For us to change the dynamic in the relationship we must first recognize and accept that it is happening. As mentioned above, even in healthy relationships most of us have engaged in gaslighting occasionally when trying to deflect blame or criticism, but it is imperative for us to acknowledge our behavior and commit to do better by adapting healthier communication skills to resolve conflict. To help us and/or our partner to make these changes, we need to explain the issue and point out the impact that the action is having on us and the relationship. Left unresolved, gaslighting can lead to confusion, isolation, depression and broken bonds within the relationship. To assist you in understanding and eradicating gaslighting in your relationships, here are a few tips.

  • Identify gaslighting behaviors that we and/or our partner exhibits
  • Make a list of expectations of behavior (yours and your partner’s) within the relationship
  • Develop healthy boundaries around your desired outcomes in which you confront the behavior as unacceptable. Let your partner know how you expect to be treated. If the boundaries are repeatedly crossed, establish clear consequences and follow through.
  • Seek professional help in navigating the behavior. Invoking the assistance of a therapist or life coach can help reduce pressure and anxiety of how to handle toxic behavior
  • Join a support group.

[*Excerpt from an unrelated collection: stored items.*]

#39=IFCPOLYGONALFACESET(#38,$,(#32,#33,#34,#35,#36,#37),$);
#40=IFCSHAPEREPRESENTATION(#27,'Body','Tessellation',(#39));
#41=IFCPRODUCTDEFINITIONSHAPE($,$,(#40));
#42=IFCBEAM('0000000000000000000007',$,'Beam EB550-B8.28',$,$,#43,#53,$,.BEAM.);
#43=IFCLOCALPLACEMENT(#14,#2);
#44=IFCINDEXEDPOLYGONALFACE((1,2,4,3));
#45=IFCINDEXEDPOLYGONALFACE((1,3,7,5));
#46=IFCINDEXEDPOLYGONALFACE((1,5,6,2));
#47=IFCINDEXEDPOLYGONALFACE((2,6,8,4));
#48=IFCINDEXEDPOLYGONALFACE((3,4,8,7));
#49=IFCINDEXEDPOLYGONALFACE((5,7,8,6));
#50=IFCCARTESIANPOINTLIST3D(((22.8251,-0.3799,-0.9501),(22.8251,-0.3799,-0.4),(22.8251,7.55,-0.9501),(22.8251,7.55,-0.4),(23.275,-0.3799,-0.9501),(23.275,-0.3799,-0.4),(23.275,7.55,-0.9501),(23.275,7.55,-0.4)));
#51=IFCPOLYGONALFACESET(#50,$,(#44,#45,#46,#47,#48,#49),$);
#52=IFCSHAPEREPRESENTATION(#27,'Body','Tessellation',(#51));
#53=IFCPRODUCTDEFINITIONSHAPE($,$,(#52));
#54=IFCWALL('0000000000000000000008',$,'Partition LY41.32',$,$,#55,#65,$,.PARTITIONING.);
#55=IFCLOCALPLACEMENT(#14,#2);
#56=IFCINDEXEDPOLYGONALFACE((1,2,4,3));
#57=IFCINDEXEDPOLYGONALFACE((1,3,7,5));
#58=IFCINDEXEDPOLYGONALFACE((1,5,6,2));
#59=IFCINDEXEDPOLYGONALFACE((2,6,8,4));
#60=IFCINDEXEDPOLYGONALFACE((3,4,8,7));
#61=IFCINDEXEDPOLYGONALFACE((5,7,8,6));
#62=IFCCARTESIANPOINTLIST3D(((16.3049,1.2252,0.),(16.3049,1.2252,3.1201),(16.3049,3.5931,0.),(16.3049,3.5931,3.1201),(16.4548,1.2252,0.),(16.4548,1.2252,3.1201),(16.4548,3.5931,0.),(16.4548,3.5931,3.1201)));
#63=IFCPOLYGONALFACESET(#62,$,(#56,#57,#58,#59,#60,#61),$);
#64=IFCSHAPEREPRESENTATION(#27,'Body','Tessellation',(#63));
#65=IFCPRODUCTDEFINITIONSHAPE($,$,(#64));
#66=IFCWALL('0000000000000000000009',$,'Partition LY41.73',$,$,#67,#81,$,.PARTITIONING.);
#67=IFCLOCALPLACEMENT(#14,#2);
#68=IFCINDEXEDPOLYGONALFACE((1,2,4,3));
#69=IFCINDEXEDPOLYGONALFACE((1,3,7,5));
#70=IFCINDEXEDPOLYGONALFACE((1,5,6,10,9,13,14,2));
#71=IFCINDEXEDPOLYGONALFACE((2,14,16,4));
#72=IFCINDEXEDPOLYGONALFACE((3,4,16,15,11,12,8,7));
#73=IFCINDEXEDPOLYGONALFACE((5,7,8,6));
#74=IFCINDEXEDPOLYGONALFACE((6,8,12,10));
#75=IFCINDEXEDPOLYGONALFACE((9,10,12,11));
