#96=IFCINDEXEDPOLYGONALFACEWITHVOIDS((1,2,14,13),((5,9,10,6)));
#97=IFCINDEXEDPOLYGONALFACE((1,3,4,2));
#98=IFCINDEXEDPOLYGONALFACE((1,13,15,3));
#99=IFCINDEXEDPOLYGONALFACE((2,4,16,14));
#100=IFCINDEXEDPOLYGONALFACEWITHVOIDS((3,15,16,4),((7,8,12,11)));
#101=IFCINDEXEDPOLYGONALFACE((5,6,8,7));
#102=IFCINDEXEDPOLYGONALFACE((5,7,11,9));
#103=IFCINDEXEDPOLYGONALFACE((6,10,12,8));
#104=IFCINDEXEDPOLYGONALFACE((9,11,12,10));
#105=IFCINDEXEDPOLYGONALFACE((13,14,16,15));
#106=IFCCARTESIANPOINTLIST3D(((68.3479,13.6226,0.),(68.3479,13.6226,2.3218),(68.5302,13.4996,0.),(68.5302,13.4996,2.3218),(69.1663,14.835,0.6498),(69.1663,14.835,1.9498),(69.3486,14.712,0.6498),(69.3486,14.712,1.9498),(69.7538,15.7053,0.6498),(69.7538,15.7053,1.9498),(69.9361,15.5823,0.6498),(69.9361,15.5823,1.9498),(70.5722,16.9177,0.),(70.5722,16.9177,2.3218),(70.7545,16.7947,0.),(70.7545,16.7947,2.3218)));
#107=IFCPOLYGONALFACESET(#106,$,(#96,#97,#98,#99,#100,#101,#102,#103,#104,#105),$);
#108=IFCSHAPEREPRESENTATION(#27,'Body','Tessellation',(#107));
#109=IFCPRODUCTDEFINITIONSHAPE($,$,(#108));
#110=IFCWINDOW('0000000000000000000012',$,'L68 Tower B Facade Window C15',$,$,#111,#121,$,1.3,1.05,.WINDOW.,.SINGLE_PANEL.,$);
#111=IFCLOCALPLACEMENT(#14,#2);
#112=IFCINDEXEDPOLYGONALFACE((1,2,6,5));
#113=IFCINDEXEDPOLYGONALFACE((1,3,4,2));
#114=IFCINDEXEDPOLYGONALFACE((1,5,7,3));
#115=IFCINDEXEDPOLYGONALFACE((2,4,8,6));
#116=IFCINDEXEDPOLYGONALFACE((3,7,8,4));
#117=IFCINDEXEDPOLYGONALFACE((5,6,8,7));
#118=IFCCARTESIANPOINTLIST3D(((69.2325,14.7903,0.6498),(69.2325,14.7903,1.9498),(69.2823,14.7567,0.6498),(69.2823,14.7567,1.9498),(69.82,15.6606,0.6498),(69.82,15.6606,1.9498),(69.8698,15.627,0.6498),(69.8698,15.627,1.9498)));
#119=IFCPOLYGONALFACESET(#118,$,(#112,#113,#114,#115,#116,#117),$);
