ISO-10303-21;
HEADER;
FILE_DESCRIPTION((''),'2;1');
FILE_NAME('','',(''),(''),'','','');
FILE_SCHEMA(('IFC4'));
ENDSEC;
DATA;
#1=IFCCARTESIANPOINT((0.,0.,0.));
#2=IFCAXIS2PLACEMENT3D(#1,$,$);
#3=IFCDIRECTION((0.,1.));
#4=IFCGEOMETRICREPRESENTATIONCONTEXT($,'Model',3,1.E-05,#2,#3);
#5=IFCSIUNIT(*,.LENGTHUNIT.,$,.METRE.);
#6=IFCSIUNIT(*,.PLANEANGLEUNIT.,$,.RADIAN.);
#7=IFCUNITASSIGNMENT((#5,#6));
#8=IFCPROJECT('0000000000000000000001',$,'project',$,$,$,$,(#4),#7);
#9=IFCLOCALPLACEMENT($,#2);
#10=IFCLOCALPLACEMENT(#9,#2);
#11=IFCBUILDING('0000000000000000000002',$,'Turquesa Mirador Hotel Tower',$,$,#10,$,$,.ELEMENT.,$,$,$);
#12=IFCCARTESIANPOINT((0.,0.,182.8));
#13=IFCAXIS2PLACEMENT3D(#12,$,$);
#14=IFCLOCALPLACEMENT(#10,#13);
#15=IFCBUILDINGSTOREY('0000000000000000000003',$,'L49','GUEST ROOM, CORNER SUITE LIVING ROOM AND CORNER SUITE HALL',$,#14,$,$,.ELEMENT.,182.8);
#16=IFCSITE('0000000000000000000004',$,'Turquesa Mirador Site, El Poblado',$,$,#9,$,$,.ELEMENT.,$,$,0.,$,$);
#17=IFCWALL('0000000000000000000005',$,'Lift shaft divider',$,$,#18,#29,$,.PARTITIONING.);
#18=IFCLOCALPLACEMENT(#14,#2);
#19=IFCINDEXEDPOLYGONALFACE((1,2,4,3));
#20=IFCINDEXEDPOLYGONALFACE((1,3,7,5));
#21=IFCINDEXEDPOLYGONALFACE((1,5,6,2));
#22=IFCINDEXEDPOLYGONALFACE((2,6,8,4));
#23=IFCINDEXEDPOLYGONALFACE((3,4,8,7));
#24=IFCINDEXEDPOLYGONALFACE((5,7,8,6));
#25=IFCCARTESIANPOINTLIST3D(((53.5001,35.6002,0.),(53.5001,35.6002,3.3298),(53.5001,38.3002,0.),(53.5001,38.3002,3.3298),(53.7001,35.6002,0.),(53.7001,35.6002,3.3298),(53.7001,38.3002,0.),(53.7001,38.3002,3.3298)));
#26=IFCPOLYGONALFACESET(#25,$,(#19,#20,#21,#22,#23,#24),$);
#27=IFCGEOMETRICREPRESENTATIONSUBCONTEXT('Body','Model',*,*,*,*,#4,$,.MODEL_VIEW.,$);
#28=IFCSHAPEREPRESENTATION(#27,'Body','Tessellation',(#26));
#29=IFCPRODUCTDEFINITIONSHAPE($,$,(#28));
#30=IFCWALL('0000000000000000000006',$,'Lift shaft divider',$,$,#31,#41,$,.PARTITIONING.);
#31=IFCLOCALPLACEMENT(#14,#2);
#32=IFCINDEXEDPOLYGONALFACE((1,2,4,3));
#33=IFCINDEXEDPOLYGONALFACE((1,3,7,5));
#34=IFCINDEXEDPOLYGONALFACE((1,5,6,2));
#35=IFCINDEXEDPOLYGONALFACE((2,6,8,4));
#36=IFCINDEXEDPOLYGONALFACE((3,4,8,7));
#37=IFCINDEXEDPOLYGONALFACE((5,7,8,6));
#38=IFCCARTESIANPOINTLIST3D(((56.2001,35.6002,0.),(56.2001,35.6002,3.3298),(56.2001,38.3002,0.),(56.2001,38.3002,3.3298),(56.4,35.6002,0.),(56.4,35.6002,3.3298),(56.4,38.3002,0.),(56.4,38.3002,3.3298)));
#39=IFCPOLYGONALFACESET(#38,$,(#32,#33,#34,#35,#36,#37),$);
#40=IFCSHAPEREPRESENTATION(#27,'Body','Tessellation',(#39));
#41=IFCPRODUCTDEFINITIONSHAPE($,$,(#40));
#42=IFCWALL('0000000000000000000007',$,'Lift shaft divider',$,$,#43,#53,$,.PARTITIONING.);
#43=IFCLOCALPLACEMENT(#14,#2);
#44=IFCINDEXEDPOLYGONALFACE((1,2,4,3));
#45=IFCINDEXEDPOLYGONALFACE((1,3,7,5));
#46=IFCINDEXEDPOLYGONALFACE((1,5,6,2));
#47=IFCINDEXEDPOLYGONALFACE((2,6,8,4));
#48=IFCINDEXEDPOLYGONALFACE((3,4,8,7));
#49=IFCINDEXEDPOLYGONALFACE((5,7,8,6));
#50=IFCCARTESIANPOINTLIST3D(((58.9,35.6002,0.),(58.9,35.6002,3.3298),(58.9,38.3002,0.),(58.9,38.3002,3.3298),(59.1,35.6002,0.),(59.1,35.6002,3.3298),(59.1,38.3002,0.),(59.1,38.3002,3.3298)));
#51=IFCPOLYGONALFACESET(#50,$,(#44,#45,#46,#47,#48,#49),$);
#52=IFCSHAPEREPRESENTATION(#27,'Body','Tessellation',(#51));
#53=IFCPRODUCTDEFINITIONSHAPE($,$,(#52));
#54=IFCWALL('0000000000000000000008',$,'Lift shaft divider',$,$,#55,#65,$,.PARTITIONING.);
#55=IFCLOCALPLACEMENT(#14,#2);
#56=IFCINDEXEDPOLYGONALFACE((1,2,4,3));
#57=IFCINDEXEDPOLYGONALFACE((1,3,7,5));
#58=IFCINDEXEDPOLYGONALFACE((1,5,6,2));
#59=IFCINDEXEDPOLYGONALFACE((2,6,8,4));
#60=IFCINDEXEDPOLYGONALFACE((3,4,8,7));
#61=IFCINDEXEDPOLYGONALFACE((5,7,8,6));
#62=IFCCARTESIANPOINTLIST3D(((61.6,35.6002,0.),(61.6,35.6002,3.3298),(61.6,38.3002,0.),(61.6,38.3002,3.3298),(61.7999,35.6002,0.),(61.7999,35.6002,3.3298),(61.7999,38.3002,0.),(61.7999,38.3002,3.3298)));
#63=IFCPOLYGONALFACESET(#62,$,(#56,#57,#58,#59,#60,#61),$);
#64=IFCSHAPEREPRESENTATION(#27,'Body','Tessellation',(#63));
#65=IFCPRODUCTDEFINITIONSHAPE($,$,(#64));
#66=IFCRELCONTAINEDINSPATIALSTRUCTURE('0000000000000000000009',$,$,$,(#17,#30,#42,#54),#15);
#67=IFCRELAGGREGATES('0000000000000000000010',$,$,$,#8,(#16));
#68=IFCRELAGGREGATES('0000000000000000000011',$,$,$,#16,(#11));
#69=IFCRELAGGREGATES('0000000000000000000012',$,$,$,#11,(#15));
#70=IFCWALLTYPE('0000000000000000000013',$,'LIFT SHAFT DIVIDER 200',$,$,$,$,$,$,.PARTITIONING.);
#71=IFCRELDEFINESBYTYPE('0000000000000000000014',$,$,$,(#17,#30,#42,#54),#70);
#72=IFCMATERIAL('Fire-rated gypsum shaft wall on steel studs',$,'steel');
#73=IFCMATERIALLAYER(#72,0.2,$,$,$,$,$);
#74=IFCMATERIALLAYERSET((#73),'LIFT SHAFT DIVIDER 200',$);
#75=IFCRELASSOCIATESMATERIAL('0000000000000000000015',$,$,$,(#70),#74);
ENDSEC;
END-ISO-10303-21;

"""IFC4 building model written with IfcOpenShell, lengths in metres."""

from ifc_helpers import new_model, si_unit, direction, frame, frame_2d, origin, place, context, subcontext, project, spatial, rectangle, extrude, material, layer, layer_set, type_object, element, save


model = new_model("IFC4")

# Units and contexts
model_context = context("Model", 3, precision=1e-05, world=origin(), true_north=direction((0.0, 1.0)))
body_context = subcontext(model_context, "Body", "Model", "MODEL_VIEW")
ifc_project = project(units=[si_unit("LENGTHUNIT", "METRE"), si_unit("PLANEANGLEUNIT", "RADIAN")], contexts=[model_context])

# Site, building, storey
site_placement = place(None, origin())
site = spatial("IfcSite", under=ifc_project, at=site_placement, Name="Turquesa Mirador Site, El Poblado", CompositionType="ELEMENT", RefElevation=0.0)
building_placement = place(site_placement, origin())
building = spatial("IfcBuilding", under=site, at=building_placement, Name="Turquesa Mirador Hotel Tower", CompositionType="ELEMENT")
storey_placement = place(building_placement, frame((0.0, 0.0, 182.8)))
storey = spatial("IfcBuildingStorey", under=building, at=storey_placement, Name="L49", Description="GUEST ROOM, CORNER SUITE LIVING ROOM AND CORNER SUITE HALL", CompositionType="ELEMENT", Elevation=182.8)

# Walls
ifc_material_1 = material(Name="Fire-rated gypsum shaft wall on steel studs", Category="steel")
ifc_layer_1 = layer(ifc_material_1, 0.2)
ifc_layer_set_1 = layer_set([ifc_layer_1], Name="LIFT SHAFT DIVIDER 200")
wall_type_1 = type_object("IfcWallType", Name="LIFT SHAFT DIVIDER 200", PredefinedType="PARTITIONING", material=ifc_layer_set_1)
for number, where, z_axis, x_axis, name in (
    (1, (53.6001, 35.6001, 0.0), (0.0, 0.0, 1.0), (0.0, 1.0, 0.0), "Lift shaft divider"),
    (2, (56.3, 35.6001, 0.0), (0.0, 0.0, 1.0), (0.0, 1.0, 0.0), "Lift shaft divider"),
    (3, (59.0, 35.6001, 0.0), (0.0, 0.0, 1.0), (0.0, 1.0, 0.0), "Lift shaft divider"),
    (4, (61.7, 35.6001, 0.0), (0.0, 0.0, 1.0), (0.0, 1.0, 0.0), "Lift shaft divider"),
):
    element("IfcWall", number, at=place(storey_placement, frame(where, z_axis=z_axis, x_axis=x_axis)), inside=storey, type_object=wall_type_1, Name=name, PredefinedType="PARTITIONING", context=body_context, shape_type="SweptSolid", body=[
        extrude(rectangle(XDim=2.7, YDim=0.2, at=frame_2d((1.3501, 0.0))), origin(), (0.0, 0.0, 1.0), 3.3298),
    ])

save(model, "model.ifc")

Gathering in a safe, informative space such as Circles Online Support online can really be a game changer in receiving validation, encouragement and knowledge from a group of people who understand your circumstances as they are or have gone through exactly what you are experiencing.

When to Walk Away

If you have repeatedly addressed the issue with your partner, sought help from a professional and are still experiencing the destructive effects of gaslighting in the relationship, it may be time to consider walking away from the relationship. When our self-confidence has been shredded, when we are in doubt of our reality, when we can’t trust ourselves to make decisions about our daily lives and need constant validation from our partner about the most minute aspects of living, the relationship may be beyond repair. 

Conclusion

Losing our sense of value as an individual is not worth staying in the relationship and continuing the downward spiral of abuse. You may need to enlist the aid of trusted family and friends to help you dig your way out and rediscover yourself again, but it can be done. If needed, make an exit strategy, and have your helpers ready to step in and physically help you remove you from the environment. Make a support plan to assist you in staying on a healing path and refrain from going back to the toxic situation. Again, surrounding yourself with an army of like-minded people who understand you, like Circles Online Support, can bolster your confidence in finding your new path and a better life.